The result was a personal extension I named Pro HTML Editor for Gmail. Under the hood, the architecture isn’t complicated either: manifest.json uses Manifest V3, content.js injects a button into the Gmail compose toolbar, then opens editor.html inside a modal iframe. The editor uses CodeMirror so pasting HTML feels comfortable, and the result is sent back to the draft via postMessage. There’s also a simple safe mode that strips risky elements like script and iframe before the HTML is applied.

I got stuck on parts that sound trivial: finding the right Gmail toolbar selector, making sure the button doesn’t duplicate when a new compose window appears, and keeping HTML going into the active compose box. Gmail’s DOM keeps changing, so I also used a MutationObserver so the button still shows up on new compose windows. Ironically, those small details were where talking with AI felt most useful.

What Surprised Me Most
What surprised me most wasn’t writing the code itself. It was realizing I could understand a new technology much faster than I’d expected. Every time I hit a wall, I talked it through with AI. When there was an error, we hunted down the cause together. When one approach wasn’t right, we tried another.
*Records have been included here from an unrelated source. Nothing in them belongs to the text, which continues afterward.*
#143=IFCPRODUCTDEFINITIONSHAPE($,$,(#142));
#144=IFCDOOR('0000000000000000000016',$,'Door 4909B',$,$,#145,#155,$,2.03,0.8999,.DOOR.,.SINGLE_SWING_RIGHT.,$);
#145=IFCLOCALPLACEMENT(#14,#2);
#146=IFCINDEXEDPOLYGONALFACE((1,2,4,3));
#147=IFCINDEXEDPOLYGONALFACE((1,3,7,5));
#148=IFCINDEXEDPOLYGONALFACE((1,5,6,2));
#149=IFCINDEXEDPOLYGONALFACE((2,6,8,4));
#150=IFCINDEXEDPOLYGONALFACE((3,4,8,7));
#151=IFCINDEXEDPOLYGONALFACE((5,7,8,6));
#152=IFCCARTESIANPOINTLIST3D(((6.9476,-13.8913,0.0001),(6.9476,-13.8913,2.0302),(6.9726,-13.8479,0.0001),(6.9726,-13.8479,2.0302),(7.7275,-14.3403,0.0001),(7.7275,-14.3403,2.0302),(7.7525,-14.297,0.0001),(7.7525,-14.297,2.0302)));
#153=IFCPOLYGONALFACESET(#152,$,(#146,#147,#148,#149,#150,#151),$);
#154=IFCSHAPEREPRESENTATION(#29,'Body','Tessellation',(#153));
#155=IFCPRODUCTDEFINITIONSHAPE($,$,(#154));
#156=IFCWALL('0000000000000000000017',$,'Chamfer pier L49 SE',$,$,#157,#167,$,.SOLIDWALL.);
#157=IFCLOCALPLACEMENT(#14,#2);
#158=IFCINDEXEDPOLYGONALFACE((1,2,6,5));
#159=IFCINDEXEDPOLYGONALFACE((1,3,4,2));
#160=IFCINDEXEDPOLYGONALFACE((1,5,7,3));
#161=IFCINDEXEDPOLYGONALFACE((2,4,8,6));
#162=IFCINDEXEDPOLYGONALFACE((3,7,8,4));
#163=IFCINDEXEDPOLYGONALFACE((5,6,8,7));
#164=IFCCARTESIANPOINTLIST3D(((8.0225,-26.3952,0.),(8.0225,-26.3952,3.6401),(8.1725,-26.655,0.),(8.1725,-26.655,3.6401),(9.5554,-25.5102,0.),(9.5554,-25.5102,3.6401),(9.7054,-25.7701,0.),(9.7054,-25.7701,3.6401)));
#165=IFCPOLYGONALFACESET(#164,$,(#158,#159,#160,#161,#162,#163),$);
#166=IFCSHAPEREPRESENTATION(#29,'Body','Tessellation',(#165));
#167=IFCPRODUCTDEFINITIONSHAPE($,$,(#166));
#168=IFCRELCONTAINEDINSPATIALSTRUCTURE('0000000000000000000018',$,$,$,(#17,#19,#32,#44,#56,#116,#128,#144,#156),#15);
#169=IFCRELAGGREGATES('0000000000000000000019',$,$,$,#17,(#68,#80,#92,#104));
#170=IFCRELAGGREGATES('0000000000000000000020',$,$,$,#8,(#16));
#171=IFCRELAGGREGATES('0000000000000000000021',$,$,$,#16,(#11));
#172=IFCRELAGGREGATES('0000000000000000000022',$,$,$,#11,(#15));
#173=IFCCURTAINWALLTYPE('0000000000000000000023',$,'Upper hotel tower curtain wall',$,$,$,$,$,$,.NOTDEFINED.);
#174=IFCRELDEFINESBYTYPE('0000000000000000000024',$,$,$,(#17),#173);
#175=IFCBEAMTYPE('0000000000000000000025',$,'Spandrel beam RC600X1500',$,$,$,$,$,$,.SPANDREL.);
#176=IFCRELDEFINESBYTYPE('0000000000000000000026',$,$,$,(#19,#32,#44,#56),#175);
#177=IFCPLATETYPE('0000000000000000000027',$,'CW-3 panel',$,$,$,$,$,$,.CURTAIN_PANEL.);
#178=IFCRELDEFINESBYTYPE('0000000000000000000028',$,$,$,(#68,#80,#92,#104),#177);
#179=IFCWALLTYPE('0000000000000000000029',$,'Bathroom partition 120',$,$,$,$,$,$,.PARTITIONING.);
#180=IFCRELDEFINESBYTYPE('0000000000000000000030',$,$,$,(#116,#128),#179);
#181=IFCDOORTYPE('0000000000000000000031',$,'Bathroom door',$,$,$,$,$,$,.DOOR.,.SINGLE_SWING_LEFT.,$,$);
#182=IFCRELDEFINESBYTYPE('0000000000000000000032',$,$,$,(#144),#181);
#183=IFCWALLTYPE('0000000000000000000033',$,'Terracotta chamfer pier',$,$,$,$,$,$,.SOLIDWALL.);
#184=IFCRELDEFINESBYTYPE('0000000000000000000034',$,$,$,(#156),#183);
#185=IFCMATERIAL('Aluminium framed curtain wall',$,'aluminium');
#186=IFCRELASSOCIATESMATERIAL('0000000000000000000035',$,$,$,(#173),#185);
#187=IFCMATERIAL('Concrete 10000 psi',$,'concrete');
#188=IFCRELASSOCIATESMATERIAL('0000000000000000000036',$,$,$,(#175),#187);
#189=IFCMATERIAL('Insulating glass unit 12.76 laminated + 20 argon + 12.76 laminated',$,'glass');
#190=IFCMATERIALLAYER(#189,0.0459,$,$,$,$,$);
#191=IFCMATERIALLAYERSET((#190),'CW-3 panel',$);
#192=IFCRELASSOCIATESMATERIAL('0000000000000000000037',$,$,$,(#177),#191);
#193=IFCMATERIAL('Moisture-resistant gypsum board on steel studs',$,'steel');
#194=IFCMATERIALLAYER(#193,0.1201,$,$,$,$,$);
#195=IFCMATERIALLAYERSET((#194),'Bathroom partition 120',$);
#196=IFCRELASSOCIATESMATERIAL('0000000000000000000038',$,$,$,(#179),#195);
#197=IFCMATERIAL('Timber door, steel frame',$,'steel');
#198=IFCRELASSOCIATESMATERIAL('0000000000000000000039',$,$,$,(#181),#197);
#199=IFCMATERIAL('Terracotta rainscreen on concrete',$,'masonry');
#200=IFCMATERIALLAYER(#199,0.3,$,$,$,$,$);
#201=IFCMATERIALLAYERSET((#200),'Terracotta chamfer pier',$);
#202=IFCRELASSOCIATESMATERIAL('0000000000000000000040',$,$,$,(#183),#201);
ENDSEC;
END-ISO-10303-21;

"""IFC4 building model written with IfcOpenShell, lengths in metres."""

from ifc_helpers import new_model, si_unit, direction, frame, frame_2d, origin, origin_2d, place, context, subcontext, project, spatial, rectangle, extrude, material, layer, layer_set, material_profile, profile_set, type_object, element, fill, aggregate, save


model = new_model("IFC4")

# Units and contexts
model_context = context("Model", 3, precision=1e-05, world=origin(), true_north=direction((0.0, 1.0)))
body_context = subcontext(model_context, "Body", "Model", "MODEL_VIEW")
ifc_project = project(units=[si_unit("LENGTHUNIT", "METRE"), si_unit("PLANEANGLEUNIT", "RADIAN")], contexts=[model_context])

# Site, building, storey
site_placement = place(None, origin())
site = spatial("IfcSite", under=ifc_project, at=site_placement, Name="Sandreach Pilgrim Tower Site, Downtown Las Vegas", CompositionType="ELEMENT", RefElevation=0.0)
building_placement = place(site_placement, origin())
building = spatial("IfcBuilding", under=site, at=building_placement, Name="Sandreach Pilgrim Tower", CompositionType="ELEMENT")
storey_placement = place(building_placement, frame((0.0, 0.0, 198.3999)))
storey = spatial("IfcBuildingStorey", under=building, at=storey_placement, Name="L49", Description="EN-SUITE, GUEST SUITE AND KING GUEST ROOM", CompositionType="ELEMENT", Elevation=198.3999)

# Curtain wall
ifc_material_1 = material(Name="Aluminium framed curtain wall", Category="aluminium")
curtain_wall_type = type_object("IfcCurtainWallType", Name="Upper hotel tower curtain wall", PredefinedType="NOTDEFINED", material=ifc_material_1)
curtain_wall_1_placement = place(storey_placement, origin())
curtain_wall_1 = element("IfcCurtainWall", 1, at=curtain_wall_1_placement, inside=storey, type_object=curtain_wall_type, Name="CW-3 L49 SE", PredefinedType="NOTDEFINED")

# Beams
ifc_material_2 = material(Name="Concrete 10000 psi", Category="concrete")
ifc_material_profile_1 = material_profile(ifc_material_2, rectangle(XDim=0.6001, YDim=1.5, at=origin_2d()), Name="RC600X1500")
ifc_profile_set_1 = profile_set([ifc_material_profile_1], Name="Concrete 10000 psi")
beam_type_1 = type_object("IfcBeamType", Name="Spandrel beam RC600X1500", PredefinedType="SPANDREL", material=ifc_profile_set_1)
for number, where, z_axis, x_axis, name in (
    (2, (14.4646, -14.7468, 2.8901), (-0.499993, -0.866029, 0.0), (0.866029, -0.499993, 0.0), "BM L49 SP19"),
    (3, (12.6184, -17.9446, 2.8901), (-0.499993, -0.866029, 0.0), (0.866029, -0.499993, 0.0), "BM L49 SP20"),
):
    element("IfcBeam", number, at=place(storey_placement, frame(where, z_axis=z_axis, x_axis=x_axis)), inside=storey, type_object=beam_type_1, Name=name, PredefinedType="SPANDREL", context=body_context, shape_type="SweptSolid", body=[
It felt like pair programming. The difference was that my partner was AI.
Vibe Coding Changed How I Learn
I used to feel I had to understand all the theory before building anything. Now the pattern is reversed: I’d rather build first, then learn while improving. That approach makes learning more enjoyable. I’m no longer hesitant to try technologies that are completely new, because I know AI can help when I get stuck.
Closing
This project isn’t the most advanced Chrome Extension, and the features are intentionally simple. But for me it means something different: it’s the first Chrome Extension I’ve ever built. I started with no prior experience, then finished it through a mix of curiosity, a personal need, and AI help via vibe coding.
This experience made me more convinced that the biggest barrier to learning new technology is no longer a lack of information. The biggest barrier is the courage to start.